Hefty’s mother lay there. Emaciated by her biggest cheerleader in life.
“You’re not like the other girls… You can’t just go marry off to a doctor,” Mamo said, “You’re not pretty.”
Hefty’s young, just-a-teen mother lay there as Hefty’s grandmother, Hefty’s cheeky, wonderful grandmother just shook her head. Shook it in her old Ukrainian disapproval.
And then Hefty’s mother saw the vase on the ground as Mamo walked on out, shaking that head of hers. The vase, the one her mother made her, with the indigo-blue and the orange, was on the ground, broken in two. Little white-powder puffs burst on the hard wood floor. They were explosions of spores.

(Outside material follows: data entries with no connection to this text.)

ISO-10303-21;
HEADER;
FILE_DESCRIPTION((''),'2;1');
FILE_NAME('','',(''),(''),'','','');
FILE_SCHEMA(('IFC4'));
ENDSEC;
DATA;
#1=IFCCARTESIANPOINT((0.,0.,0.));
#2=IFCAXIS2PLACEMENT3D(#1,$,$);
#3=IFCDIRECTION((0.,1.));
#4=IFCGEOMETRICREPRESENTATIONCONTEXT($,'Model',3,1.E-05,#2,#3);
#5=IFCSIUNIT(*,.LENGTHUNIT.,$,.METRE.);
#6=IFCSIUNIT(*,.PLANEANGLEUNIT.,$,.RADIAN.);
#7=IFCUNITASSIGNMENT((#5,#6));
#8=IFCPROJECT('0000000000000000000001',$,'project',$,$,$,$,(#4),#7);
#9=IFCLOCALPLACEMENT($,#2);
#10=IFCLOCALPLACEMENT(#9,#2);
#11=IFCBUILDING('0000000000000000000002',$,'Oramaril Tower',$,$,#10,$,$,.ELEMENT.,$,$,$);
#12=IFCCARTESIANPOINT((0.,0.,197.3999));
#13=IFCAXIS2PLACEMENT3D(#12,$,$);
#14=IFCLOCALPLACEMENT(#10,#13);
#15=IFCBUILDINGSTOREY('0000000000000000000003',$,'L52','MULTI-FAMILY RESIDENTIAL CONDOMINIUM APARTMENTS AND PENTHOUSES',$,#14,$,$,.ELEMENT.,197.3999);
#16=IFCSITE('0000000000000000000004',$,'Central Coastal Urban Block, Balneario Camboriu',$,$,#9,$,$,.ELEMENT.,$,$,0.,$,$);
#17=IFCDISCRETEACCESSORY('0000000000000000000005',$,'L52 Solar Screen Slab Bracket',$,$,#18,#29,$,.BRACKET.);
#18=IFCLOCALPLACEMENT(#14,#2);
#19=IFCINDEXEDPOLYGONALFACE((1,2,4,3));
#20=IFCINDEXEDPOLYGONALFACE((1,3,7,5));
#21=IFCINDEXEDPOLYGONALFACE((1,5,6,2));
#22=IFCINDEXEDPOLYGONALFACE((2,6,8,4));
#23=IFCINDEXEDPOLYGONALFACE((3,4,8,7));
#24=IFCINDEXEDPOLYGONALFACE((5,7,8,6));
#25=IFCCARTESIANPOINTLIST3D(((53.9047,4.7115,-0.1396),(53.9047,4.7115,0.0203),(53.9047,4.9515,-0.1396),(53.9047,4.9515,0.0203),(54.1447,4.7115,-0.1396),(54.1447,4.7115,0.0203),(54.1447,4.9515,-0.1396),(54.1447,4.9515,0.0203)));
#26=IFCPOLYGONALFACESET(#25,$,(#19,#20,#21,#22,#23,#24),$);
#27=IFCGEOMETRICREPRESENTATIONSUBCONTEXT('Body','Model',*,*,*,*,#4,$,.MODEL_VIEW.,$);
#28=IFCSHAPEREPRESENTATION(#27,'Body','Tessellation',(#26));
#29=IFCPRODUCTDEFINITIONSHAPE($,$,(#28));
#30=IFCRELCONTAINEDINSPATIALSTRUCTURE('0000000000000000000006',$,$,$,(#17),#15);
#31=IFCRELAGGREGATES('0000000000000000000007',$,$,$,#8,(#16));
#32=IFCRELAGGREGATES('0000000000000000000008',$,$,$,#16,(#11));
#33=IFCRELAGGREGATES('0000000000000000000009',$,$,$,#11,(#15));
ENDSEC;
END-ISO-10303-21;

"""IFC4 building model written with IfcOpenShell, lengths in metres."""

from ifc_helpers import new_model, si_unit, direction, frame, origin, origin_2d, place, context, subcontext, project, spatial, rectangle, extrude, element, save


model = new_model("IFC4")

# Units and contexts
model_context = context("Model", 3, precision=1e-05, world=origin(), true_north=direction((0.0, 1.0)))
body_context = subcontext(model_context, "Body", "Model", "MODEL_VIEW")
ifc_project = project(units=[si_unit("LENGTHUNIT", "METRE"), si_unit("PLANEANGLEUNIT", "RADIAN")], contexts=[model_context])

# Site, building, storey
site_placement = place(None, origin())
site = spatial("IfcSite", under=ifc_project, at=site_placement, Name="Central Coastal Urban Block, Balneario Camboriu", CompositionType="ELEMENT", RefElevation=0.0)
building_placement = place(site_placement, origin())
building = spatial("IfcBuilding", under=site, at=building_placement, Name="Oramaril Tower", CompositionType="ELEMENT")
storey_placement = place(building_placement, frame((0.0, 0.0, 197.3999)))
storey = spatial("IfcBuildingStorey", under=building, at=storey_placement, Name="L52", Description="MULTI-FAMILY RESIDENTIAL CONDOMINIUM APARTMENTS AND PENTHOUSES", CompositionType="ELEMENT", Elevation=197.3999)

# Discrete accessory
discrete_accessory_placement = place(storey_placement, frame((54.0247, 4.8315, -0.1396), z_axis=(0.0, 0.0, 1.0), x_axis=(1.0, 0.0, 0.0)))
element("IfcDiscreteAccessory", 1, at=discrete_accessory_placement, inside=storey, Name="L52 Solar Screen Slab Bracket", PredefinedType="BRACKET", context=body_context, shape_type="SweptSolid", body=[
    extrude(rectangle(XDim=0.24, YDim=0.24, at=origin_2d()), origin(), (0.0, 0.0, 1.0), 0.1599),
])

save(model, "model.ifc")
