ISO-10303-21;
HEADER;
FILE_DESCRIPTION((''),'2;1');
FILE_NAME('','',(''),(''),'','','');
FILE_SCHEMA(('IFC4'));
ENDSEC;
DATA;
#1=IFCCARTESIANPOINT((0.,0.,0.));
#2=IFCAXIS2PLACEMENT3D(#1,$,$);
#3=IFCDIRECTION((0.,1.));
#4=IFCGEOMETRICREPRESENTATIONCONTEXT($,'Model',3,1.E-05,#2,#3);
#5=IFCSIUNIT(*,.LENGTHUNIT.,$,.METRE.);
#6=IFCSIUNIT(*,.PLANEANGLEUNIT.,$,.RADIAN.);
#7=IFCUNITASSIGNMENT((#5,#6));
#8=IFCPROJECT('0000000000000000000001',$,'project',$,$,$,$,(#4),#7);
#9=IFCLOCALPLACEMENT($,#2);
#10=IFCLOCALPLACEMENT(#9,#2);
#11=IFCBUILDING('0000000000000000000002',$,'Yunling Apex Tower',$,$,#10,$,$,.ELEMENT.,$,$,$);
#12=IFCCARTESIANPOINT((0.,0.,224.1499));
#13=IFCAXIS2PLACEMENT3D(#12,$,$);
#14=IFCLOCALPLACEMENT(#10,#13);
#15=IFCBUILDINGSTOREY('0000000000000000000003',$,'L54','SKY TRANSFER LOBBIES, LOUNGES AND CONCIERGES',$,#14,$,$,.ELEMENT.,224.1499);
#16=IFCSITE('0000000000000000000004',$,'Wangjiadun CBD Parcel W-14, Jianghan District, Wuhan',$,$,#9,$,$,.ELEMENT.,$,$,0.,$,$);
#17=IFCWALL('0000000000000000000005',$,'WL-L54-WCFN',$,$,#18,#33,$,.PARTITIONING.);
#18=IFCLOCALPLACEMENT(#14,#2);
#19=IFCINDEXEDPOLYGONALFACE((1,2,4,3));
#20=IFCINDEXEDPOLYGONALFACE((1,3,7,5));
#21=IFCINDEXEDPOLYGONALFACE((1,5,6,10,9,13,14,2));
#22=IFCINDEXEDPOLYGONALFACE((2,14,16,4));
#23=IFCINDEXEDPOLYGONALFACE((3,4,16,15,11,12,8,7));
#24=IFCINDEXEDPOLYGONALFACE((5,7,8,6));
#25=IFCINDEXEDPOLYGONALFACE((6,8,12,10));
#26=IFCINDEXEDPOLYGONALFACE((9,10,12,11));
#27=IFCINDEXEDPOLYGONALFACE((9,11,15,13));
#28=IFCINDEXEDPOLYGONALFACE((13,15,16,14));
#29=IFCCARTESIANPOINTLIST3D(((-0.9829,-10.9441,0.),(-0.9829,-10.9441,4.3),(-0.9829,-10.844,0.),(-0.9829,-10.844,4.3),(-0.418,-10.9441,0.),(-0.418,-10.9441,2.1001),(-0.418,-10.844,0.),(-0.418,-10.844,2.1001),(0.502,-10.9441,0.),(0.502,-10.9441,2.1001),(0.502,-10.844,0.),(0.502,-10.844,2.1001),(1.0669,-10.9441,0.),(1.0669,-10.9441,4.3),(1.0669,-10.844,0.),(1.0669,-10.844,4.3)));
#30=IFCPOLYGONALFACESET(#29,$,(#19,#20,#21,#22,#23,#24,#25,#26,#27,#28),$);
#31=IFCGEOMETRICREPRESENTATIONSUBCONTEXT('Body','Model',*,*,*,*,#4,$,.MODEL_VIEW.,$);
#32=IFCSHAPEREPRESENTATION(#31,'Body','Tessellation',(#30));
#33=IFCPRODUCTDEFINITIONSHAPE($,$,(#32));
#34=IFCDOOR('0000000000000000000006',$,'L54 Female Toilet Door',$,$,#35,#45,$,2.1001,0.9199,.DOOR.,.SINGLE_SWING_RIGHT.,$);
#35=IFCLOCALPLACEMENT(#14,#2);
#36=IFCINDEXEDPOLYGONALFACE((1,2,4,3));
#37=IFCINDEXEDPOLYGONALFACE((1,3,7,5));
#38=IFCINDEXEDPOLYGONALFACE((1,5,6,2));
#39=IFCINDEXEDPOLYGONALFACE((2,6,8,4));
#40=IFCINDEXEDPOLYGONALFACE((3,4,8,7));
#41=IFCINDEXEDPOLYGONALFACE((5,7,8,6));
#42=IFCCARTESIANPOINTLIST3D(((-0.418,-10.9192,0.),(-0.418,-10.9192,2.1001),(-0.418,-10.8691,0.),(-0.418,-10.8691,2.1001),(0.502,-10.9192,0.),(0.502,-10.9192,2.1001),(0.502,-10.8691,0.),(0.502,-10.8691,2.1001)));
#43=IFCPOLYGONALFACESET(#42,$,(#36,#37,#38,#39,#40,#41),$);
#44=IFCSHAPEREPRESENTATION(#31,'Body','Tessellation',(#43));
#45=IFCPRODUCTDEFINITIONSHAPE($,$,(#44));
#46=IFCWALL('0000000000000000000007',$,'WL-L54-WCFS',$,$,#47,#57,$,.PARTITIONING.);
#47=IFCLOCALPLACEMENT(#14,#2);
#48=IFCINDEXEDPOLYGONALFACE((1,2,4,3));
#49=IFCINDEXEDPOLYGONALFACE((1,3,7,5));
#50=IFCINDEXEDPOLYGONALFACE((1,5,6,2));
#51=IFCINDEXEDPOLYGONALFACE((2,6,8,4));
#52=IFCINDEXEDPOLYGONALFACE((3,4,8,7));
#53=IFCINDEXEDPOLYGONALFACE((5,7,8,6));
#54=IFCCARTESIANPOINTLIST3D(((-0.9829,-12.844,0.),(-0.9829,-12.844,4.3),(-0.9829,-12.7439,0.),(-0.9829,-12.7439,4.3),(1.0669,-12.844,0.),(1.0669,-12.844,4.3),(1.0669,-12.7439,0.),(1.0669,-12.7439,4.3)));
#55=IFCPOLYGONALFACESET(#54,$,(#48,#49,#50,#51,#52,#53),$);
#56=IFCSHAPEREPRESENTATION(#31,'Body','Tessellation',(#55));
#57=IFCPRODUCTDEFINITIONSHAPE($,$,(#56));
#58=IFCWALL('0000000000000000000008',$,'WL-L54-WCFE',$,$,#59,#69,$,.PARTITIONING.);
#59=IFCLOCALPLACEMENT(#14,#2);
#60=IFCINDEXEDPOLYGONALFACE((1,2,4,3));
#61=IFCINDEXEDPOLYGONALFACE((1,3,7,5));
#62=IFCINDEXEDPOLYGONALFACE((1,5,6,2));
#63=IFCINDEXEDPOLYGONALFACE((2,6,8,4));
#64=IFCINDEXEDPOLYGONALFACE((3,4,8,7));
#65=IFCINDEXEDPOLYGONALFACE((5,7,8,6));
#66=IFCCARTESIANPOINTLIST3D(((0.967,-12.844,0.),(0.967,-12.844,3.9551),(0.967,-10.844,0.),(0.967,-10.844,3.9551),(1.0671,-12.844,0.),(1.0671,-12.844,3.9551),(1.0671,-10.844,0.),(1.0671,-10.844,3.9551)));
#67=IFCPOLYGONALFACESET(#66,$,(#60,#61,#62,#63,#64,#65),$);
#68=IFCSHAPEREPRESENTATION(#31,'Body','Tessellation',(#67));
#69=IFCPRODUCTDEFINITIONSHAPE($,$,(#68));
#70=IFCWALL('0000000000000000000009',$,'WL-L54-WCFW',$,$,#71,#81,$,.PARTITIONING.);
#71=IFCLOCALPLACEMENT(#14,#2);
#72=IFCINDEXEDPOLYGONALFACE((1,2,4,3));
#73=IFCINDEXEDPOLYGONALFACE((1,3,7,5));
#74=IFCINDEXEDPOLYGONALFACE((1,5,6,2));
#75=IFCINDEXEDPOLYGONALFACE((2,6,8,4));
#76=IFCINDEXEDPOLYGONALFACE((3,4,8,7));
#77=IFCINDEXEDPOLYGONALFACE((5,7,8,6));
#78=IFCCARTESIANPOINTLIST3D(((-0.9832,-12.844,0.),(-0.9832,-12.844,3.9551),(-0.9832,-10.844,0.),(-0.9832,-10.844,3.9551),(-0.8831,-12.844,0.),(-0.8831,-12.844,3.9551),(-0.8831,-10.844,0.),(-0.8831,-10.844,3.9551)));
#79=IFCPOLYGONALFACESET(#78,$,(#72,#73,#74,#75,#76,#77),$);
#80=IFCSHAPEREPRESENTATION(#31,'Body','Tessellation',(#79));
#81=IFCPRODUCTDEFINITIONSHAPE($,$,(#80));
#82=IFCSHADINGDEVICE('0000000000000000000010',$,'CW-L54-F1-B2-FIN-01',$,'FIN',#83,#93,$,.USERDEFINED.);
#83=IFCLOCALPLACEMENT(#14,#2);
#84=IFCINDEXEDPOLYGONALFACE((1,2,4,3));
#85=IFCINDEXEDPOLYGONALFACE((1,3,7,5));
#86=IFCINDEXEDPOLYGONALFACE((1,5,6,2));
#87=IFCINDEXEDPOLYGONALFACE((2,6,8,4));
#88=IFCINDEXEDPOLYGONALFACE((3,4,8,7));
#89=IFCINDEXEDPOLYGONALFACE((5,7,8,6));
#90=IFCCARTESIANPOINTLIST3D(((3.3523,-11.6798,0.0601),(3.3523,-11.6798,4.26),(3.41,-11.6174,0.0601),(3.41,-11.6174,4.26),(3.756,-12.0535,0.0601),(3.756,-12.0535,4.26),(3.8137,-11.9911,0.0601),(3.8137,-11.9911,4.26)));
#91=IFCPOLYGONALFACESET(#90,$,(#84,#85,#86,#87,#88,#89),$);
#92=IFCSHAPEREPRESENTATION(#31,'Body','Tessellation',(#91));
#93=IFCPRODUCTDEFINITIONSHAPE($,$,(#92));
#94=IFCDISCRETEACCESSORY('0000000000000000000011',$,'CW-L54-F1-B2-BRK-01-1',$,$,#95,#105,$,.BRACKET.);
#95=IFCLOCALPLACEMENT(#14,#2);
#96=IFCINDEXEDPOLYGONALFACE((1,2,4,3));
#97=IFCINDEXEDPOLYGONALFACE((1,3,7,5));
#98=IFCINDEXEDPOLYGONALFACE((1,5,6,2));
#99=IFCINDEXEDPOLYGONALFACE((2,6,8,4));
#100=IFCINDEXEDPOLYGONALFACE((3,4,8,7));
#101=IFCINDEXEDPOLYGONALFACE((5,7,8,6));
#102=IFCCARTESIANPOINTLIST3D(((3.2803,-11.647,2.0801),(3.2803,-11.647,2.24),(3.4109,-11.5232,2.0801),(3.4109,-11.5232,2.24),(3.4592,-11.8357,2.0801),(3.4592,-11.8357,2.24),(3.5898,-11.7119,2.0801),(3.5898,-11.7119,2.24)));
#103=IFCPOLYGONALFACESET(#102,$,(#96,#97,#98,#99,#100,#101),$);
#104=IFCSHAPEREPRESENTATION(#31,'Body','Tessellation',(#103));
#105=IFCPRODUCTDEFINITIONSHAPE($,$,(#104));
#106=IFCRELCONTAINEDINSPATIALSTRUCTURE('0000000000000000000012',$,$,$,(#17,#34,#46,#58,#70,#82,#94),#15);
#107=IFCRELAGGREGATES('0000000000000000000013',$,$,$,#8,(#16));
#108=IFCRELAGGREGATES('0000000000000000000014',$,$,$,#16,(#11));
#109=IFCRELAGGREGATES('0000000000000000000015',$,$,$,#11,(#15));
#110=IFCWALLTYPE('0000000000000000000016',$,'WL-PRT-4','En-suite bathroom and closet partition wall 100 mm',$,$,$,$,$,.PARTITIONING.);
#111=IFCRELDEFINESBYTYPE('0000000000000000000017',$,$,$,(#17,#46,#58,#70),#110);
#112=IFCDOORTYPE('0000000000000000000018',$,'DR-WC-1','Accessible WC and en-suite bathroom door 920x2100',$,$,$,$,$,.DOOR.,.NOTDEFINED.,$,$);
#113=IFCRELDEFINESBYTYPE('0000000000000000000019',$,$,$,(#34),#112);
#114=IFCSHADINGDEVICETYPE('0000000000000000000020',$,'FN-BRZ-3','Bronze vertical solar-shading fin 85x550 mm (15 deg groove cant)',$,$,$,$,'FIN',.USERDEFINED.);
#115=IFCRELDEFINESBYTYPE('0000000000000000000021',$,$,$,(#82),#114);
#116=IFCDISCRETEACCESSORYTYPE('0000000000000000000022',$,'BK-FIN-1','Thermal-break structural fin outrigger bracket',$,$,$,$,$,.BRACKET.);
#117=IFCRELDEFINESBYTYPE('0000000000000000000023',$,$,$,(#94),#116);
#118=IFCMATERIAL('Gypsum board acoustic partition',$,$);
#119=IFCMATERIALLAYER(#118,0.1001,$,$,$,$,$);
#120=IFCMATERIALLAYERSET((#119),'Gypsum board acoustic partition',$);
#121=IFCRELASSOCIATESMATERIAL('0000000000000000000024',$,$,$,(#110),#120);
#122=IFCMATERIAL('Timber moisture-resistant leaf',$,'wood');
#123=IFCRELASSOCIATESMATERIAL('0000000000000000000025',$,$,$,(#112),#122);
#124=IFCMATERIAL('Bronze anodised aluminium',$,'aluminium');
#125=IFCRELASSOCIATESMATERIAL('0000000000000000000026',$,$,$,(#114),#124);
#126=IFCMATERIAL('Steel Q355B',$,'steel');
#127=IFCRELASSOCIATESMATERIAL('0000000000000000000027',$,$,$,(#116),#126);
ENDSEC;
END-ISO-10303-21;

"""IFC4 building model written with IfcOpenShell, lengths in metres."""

from ifc_helpers import new_model, si_unit, direction, frame, frame_2d, origin, origin_2d, place, context, subcontext, project, spatial, rectangle, extrude, source, transform, mapped, material, layer, layer_set, material_profile, profile_set, type_object, element, fill, save


model = new_model("IFC4")

# Units and contexts
model_context = context("Model", 3, precision=1e-05, world=origin(), true_north=direction((0.0, 1.0)))
body_context = subcontext(model_context, "Body", "Model", "MODEL_VIEW")
ifc_project = project(units=[si_unit("LENGTHUNIT", "METRE"), si_unit("PLANEANGLEUNIT", "RADIAN")], contexts=[model_context])

# Site, building, storey
site_placement = place(None, origin())
site = spatial("IfcSite", under=ifc_project, at=site_placement, Name="Wangjiadun CBD Parcel W-14, Jianghan District, Wuhan", CompositionType="ELEMENT", RefElevation=0.0)
building_placement = place(site_placement, origin())
building = spatial("IfcBuilding", under=site, at=building_placement, Name="Yunling Apex Tower", CompositionType="ELEMENT")
storey_placement = place(building_placement, frame((0.0, 0.0, 224.1499)))
storey = spatial("IfcBuildingStorey", under=building, at=storey_placement, Name="L54", Description="SKY TRANSFER LOBBIES, LOUNGES AND CONCIERGES", CompositionType="ELEMENT", Elevation=224.1499)

# Shared definitions
ifc_material_1 = material(Name="Steel Q355B", Category="steel")

# Shared definitions
ifc_material_2 = material(Name="Bronze anodised aluminium", Category="aluminium")

# Wall, opening, door
ifc_material_3 = material(Name="Gypsum board acoustic partition")
ifc_layer_1 = layer(ifc_material_3, 0.1001)
ifc_layer_set_1 = layer_set([ifc_layer_1], Name="Gypsum board acoustic partition")
wall_type_1 = type_object("IfcWallType", Name="WL-PRT-4", Description="En-suite bathroom and closet partition wall 100 mm", PredefinedType="PARTITIONING", material=ifc_layer_set_1)
wall_1_placement = place(storey_placement, frame((-0.9829, -10.894, 0.0), z_axis=(0.0, 0.0, 1.0), x_axis=(1.0, 0.0, 0.0)))
wall_1 = element("IfcWall", 1, at=wall_1_placement, inside=storey, type_object=wall_type_1, Name="WL-L54-WCFN", PredefinedType="PARTITIONING", context=body_context, shape_type="SweptSolid", body=[
    extrude(rectangle(XDim=2.0498, YDim=0.1001, at=frame_2d((1.0249, 0.0))), origin(), (0.0, 0.0, 1.0), 4.3),
])
opening_1_placement = place(wall_1_placement, frame((0.5649, 0.0, 0.0)))
opening_1 = element("IfcOpeningElement", 2, at=opening_1_placement, cuts=wall_1, PredefinedType="OPENING", context=body_context, shape_type="SweptSolid", body=[
    extrude(rectangle(XDim=0.9199, YDim=2.1001, at=frame_2d((0.46, 1.05))), frame((0.0, 0.0601, 0.0), z_axis=(0.0, -1.0, 0.0), x_axis=(1.0, 0.0, 0.0)), (0.0, 0.0, 1.0), 0.1201),
])
ifc_material_4 = material(Name="Timber moisture-resistant leaf", Category="wood")
door_type_1 = type_object("IfcDoorType", Name="DR-WC-1", Description="Accessible WC and en-suite bathroom door 920x2100", OperationType="NOTDEFINED", PredefinedType="DOOR", material=ifc_material_4)
door_1_placement = place(opening_1_placement, origin())
door_1 = element("IfcDoor", 3, at=door_1_placement, inside=storey, type_object=door_type_1, Name="L54 Female Toilet Door", OperationType="SINGLE_SWING_RIGHT", OverallHeight=2.1001, OverallWidth=0.9199, PredefinedType="DOOR", context=body_context, shape_type="SweptSolid", body=[
    extrude(rectangle(XDim=0.9199, YDim=2.1001, at=frame_2d((0.46, 1.05))), frame((0.0, 0.0249, 0.0), z_axis=(0.0, -1.0, 0.0), x_axis=(1.0, 0.0, 0.0)), (0.0, 0.0, 1.0), 0.05),
])
fill(opening_1, door_1)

She already knew what Mamo would say…
“I’ll make you another one.”
Not the fucking point, Mamo! Hefty’s mom said under her breath. Not. The. Fuck. Ing. Point.
Not.
The.
Fuck.
Ing. Point.
Hefty’s mom was back in her chemo-body. She realized that for nearly a full minute, she couldn’t feel her chemo pains. She had tears building up by the creases of her eyes. That pattern was truly more painful than all the chemicals the doctors pumped into her heart.
It was an intense and unfixable kind of pain. Mostly, and most importantly, because that indigo-blue and orange vase was a symbol. It was the last time Hefty’s mom and Mamo were friends.